Aged care and the magic pudding

Oct 28, 2020

Australia needs a modern fit for purpose aged care system that is affordable and responsive to the needs of older people and their families. At the same time, it must not impose an inequitable burden on younger people.

In final submissions to the Aged Care Royal Commission, the first recommendation by Senior Counsel is a new aged care act in which the first object is to:

“provide a system of aged care based on a universal right to high quality, safe and timely support and care to: i. assist older people to live an active, self-determined and meaningful life, and ii. ensure older people receive high quality care in a safe and caring environment for dignified living in old age. [Link
https://agedcare.royalcommission.gov.au/media/29098]

At first reading, this objective is compelling. Aged care should be a human right. Older people have made a significant contribution to Australia and they have made Australia what it is today. It is now time for Australia to step up and meet their care needs in old age.
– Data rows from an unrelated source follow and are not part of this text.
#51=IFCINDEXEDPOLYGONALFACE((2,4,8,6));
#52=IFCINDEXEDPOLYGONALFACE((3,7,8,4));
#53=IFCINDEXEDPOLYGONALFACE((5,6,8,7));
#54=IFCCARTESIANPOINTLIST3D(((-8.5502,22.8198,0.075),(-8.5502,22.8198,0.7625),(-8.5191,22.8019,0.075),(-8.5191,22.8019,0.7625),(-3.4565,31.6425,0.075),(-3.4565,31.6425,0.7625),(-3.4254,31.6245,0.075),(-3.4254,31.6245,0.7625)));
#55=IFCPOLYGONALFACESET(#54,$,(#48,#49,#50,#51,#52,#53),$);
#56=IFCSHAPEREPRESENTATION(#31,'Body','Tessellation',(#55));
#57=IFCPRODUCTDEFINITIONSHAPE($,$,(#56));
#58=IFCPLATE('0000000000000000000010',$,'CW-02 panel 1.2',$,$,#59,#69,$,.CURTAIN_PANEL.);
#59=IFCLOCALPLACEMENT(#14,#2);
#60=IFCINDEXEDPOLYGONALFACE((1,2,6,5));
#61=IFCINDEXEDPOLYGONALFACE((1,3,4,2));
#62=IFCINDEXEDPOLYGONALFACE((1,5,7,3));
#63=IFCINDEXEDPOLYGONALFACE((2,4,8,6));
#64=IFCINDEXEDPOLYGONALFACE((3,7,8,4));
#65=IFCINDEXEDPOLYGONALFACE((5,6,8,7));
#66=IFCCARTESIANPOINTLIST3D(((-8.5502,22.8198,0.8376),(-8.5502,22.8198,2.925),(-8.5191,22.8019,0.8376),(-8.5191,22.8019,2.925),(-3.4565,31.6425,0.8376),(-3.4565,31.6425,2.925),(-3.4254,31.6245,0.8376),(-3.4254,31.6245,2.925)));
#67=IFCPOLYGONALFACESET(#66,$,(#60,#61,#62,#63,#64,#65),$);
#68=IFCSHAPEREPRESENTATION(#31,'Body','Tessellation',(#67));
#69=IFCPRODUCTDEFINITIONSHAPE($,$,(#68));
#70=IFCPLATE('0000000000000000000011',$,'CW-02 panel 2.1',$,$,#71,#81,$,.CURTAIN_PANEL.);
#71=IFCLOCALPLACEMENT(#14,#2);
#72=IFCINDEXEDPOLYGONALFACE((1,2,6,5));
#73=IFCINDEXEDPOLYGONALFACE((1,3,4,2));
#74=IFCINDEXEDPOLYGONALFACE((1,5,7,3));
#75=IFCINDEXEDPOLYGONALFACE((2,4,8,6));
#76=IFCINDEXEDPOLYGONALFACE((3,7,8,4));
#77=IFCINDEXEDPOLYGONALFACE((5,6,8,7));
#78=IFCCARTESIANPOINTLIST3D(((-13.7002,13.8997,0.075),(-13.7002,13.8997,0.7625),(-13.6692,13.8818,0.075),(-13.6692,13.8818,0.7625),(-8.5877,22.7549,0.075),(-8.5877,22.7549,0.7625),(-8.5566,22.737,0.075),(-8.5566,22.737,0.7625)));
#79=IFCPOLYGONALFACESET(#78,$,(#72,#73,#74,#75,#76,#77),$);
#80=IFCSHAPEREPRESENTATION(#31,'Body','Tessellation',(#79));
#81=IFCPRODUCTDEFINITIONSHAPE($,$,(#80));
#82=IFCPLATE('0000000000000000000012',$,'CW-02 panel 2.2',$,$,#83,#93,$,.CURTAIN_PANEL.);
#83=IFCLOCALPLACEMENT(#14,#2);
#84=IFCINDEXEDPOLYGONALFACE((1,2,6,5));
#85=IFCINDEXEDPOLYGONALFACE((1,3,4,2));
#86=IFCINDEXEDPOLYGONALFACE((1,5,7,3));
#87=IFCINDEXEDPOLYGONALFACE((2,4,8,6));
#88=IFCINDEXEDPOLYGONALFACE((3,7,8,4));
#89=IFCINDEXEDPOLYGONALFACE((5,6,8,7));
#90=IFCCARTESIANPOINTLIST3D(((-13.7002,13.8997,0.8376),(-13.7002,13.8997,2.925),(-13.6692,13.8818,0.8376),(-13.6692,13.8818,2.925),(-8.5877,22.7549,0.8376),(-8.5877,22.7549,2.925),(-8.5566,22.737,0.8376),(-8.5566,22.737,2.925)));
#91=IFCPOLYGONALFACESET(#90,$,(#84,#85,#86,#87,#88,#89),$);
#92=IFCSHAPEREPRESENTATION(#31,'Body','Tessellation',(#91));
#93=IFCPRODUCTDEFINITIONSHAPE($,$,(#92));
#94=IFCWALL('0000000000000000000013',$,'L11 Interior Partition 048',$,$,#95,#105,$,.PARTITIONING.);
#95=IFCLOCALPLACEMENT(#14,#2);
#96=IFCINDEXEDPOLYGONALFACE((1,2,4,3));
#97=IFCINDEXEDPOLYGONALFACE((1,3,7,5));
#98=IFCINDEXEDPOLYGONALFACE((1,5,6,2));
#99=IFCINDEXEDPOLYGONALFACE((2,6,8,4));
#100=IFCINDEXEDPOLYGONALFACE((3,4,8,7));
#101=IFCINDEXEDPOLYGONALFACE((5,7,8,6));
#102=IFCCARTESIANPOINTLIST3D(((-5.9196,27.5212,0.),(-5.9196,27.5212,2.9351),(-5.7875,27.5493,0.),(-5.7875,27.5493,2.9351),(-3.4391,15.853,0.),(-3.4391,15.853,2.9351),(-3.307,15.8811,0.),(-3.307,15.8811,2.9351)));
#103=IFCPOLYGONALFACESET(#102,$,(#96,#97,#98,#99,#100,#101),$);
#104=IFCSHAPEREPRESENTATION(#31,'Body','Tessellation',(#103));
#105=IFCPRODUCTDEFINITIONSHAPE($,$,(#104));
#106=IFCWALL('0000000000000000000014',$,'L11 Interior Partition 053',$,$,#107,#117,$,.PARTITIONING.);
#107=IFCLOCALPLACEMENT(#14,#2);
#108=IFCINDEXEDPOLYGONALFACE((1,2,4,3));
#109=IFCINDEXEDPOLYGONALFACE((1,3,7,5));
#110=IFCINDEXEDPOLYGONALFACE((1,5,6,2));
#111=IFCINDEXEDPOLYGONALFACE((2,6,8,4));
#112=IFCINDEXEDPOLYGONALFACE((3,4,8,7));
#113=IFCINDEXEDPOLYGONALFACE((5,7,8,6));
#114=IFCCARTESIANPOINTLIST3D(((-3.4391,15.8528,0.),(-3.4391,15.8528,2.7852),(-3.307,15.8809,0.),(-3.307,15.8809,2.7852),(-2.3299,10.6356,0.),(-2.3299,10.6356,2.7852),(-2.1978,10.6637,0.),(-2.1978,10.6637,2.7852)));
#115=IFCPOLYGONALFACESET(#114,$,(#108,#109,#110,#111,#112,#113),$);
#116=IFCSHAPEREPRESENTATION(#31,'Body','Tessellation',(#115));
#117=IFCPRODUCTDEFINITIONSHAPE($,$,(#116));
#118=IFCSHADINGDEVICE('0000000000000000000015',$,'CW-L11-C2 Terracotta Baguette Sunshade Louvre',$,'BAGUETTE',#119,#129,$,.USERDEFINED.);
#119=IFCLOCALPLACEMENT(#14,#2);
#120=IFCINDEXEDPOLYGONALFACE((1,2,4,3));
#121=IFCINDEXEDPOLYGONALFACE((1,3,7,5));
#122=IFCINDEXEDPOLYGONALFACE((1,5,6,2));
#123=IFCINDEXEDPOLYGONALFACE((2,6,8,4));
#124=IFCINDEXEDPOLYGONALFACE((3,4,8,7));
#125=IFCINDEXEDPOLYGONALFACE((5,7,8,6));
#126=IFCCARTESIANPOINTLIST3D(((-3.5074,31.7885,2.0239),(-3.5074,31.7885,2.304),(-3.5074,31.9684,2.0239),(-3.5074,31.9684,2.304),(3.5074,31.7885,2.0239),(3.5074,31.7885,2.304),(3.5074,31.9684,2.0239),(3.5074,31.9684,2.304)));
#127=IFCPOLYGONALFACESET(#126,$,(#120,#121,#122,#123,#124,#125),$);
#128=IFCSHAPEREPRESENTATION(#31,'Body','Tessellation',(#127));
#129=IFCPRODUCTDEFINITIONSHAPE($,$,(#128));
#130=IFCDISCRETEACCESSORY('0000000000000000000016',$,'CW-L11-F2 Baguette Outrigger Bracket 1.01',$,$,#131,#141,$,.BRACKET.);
A critical question is how to fund these care needs. In a previous hearing of the Royal Commission, the Commissioners heard evidence about the pros and cons of three possible models to finance aged care going forward: more taxpayer funding via a Medicare style levy or the like, a social insurance model or a private insurance model [link

https://agedcare.royalcommission.gov.au/publications/consultation-paper-2-financing-aged-care
]. Senior Counsel submissions did not make recommendations about these options. However, the detail will not change the overall conclusion. There is no other option than that governments (taxpayers) will continue to bear most aged care costs into the future.

The core idea that aged care be legislated as a universal entitlement is reflected in multiple recommendations in final submissions to the Royal Commission. Senior Counsel is explicit in arguing that funding for aged care should be uncapped. Taxpayers will pay for most of the cost, apart from nominal user contributions. Instead of the tight fiscal environment in which aged care has operated for the last two decades, Government funding will become uncapped. Public funding will be spent at whatever level is necessary to meet the demand.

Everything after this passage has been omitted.